After a device is identified to be the most useful to a particular consumer, Infinitec West writes a report and a letter toward funding of the device, depending on the source of the referral. If the school referred the child for evaluation, Infinitec West writes a report for the school and then the school looks at funding. If Early Intervention requested the evaluation, a report, letter of developmental necessity, and letter of medical necessity are sent to the child's case manager at Early Intervention to begin the funding request process. If the family or private therapist/doctors made the referral, the report, letter of medical necessity, and protocol for submission to insurance is sent to the family.
Consumers receive technical training-language therapy with the assistance of a device. Therapy may address vocabulary skills, initiation of interactions, responding in conversation, pragmatics, sentence construction, spelling, identification of letters or sounds, device use, and/or increasing overall interest in communication. Therapists work with the entire family and anyone else who sees the child regularly.
Consumer age range is from birth through high school. High school students are oftentimes returning for a re-check of their system with the possibility of replacing it with newer technology.
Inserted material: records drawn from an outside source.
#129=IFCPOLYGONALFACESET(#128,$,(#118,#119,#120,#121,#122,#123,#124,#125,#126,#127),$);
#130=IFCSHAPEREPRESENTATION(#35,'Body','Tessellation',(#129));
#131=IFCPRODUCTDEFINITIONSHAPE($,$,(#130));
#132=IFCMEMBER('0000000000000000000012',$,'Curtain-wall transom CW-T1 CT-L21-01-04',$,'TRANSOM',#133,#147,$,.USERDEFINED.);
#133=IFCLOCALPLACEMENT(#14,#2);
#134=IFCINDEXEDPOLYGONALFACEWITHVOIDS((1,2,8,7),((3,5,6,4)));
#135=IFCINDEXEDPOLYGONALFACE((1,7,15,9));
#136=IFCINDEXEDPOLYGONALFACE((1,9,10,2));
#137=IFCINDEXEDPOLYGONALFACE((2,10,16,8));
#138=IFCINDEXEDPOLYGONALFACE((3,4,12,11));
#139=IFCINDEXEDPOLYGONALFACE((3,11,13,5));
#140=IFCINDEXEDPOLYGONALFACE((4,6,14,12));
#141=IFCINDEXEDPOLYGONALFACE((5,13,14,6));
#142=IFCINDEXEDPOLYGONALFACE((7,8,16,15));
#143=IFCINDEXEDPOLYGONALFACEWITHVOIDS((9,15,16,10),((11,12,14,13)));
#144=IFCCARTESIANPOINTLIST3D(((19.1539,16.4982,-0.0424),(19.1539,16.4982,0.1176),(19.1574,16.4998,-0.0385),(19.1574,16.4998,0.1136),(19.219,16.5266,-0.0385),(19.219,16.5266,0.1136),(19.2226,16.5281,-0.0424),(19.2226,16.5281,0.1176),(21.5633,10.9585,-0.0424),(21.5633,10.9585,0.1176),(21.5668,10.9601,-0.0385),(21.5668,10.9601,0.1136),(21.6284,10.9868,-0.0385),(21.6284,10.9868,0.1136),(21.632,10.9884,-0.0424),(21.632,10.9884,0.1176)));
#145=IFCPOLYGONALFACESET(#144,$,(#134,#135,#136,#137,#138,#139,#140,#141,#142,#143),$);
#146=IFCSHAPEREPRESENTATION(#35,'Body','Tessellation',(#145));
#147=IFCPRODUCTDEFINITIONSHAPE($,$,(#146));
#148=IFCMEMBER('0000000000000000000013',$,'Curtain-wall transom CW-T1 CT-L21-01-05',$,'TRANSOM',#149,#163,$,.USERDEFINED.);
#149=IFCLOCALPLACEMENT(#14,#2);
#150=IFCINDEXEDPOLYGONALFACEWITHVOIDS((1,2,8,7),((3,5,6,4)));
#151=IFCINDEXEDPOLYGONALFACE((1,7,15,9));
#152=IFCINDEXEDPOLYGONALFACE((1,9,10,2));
However, occasionally a non-verbal, high school aged consumer begins an evaluation without any previous training in AAC.
Consumers with speech deficits, such as apraxia or dysarthria, often have a medical diagnosis of cerebral palsy, Down syndrome, developmental disabilities, autism, or congenital syndrome. Apraxia of speech is an impairment in the sequencing of speech sounds. Dysarthia is a speech disorder that is due to weakness or incoordination of the speech muscles.
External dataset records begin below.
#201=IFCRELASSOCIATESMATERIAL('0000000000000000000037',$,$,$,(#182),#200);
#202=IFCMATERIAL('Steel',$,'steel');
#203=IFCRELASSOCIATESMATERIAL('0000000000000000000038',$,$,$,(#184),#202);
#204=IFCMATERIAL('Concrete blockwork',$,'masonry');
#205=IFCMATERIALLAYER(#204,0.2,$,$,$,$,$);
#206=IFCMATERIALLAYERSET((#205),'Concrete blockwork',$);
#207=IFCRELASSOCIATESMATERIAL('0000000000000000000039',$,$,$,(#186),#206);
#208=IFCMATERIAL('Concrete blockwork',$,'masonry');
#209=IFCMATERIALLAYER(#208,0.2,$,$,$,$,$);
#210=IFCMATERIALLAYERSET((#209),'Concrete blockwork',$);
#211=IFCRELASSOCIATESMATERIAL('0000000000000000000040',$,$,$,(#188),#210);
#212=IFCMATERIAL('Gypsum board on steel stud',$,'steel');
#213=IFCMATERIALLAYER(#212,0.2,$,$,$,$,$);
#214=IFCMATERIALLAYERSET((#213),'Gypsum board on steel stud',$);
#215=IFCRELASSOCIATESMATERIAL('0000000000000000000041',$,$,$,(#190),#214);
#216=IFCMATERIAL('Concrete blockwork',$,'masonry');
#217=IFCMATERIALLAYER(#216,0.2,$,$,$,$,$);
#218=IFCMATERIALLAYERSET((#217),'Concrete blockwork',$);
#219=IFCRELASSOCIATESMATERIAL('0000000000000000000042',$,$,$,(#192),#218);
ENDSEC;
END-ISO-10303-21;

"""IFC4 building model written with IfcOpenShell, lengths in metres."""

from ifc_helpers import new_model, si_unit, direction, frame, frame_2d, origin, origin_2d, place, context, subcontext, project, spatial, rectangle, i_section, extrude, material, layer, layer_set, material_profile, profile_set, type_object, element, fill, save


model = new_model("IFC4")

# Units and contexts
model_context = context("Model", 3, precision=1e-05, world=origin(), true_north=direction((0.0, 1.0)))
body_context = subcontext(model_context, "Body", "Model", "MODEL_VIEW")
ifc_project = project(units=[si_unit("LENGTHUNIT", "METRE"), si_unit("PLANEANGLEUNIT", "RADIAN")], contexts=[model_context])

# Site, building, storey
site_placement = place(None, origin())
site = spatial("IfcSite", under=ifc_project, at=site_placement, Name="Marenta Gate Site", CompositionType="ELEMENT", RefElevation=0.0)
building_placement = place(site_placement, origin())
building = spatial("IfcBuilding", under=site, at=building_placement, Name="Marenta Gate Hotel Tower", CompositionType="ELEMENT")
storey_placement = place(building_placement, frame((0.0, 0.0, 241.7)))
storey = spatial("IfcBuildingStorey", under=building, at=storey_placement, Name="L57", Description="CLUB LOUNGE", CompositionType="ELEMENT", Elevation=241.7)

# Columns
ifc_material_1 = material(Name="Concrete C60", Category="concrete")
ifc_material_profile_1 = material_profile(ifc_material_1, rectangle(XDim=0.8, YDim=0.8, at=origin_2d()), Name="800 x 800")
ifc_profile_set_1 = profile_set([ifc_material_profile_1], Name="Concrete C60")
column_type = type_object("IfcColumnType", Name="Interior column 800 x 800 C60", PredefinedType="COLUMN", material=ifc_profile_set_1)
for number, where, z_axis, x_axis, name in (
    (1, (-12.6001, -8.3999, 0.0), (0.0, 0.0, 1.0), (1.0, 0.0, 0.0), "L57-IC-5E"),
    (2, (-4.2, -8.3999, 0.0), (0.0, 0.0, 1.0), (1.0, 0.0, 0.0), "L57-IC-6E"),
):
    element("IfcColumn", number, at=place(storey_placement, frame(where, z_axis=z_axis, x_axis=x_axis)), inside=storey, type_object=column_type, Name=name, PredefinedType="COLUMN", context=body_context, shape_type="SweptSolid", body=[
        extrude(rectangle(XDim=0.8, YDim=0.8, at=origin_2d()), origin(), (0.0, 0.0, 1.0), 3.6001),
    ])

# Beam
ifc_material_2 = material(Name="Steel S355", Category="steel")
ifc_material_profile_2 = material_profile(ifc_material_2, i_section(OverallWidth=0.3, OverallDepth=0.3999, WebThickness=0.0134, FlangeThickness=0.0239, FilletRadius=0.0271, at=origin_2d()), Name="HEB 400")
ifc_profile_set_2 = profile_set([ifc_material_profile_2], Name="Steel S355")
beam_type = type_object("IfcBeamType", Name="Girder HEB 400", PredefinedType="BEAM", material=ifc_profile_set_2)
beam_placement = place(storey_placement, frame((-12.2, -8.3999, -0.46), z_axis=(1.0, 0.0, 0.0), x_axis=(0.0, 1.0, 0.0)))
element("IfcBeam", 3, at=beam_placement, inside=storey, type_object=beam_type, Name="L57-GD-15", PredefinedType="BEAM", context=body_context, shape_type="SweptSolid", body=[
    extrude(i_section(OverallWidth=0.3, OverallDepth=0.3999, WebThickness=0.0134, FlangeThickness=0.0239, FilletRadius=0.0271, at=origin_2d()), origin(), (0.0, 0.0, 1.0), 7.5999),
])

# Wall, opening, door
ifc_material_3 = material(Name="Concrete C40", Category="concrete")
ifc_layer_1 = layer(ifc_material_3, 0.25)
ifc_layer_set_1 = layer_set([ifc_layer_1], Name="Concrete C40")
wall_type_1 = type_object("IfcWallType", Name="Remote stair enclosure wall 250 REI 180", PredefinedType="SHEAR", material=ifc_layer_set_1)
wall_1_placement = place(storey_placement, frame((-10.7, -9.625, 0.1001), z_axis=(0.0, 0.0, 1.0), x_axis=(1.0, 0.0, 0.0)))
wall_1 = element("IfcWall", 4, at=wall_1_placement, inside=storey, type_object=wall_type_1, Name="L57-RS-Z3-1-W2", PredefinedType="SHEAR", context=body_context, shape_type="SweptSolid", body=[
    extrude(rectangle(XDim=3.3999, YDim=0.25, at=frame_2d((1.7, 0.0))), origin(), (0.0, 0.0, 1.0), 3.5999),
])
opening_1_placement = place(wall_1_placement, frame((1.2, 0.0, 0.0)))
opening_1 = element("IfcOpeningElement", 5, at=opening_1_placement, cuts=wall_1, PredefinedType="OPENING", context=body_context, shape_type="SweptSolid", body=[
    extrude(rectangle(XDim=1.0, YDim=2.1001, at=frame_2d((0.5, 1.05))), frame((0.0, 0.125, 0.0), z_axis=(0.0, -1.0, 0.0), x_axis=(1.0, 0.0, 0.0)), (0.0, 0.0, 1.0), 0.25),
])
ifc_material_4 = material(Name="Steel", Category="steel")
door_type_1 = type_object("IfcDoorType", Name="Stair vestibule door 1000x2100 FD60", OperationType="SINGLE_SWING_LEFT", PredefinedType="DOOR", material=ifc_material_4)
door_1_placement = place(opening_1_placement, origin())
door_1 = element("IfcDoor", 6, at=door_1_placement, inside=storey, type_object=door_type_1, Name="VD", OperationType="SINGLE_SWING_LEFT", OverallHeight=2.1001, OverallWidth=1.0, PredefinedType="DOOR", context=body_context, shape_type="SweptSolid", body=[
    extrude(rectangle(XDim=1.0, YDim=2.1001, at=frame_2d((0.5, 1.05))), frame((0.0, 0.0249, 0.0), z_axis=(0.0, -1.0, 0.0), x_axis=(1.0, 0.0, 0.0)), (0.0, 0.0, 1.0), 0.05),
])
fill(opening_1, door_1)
Children with learning disabilities also benefit from the use of assistive technology. These children generally are verbal but have issues with writing and organization of thought. Therapists look at software and lower-tech equipment to address these issues.
An AAC Device Does More than Speak!
A speech device can also address environmental control. A consumer is trained to use his/her communication device or other technology to operate lighting, media devices, the television, the bed, and virtually anything electrical—even run the blender, if that's what is wanted!
AAC Devices have more Capabilities when used with a Computer
An AAC device can also be used in conjunction with a computer as the keyboard or tool for generating writing. The ultimate goal for a consumer is to be literate, so therapy often addresses literacy skills, as well as communication. A child who can spell out a word letter-by-letter or program in his own sentences can achieve independence in communication.
Overall, the focus of the evaluation and treatment processes is to facilitate functional communication for a child across all environments.
Kelli McKeough, a certified speech-language pathologist at Infinitec West, was our consultant for this guide. Previously, Kelli worked as Computer Systems Analyst, writing software. While doing volunteer work with two of her friends-an audiologist and a speech-language pathologist-Kelli became very interested in speech pathology. So much so, that she went back to school and earned a master's degree in speech-language pathology. Kelli and the entire staff at Infinitec West are specialists in assistive technology.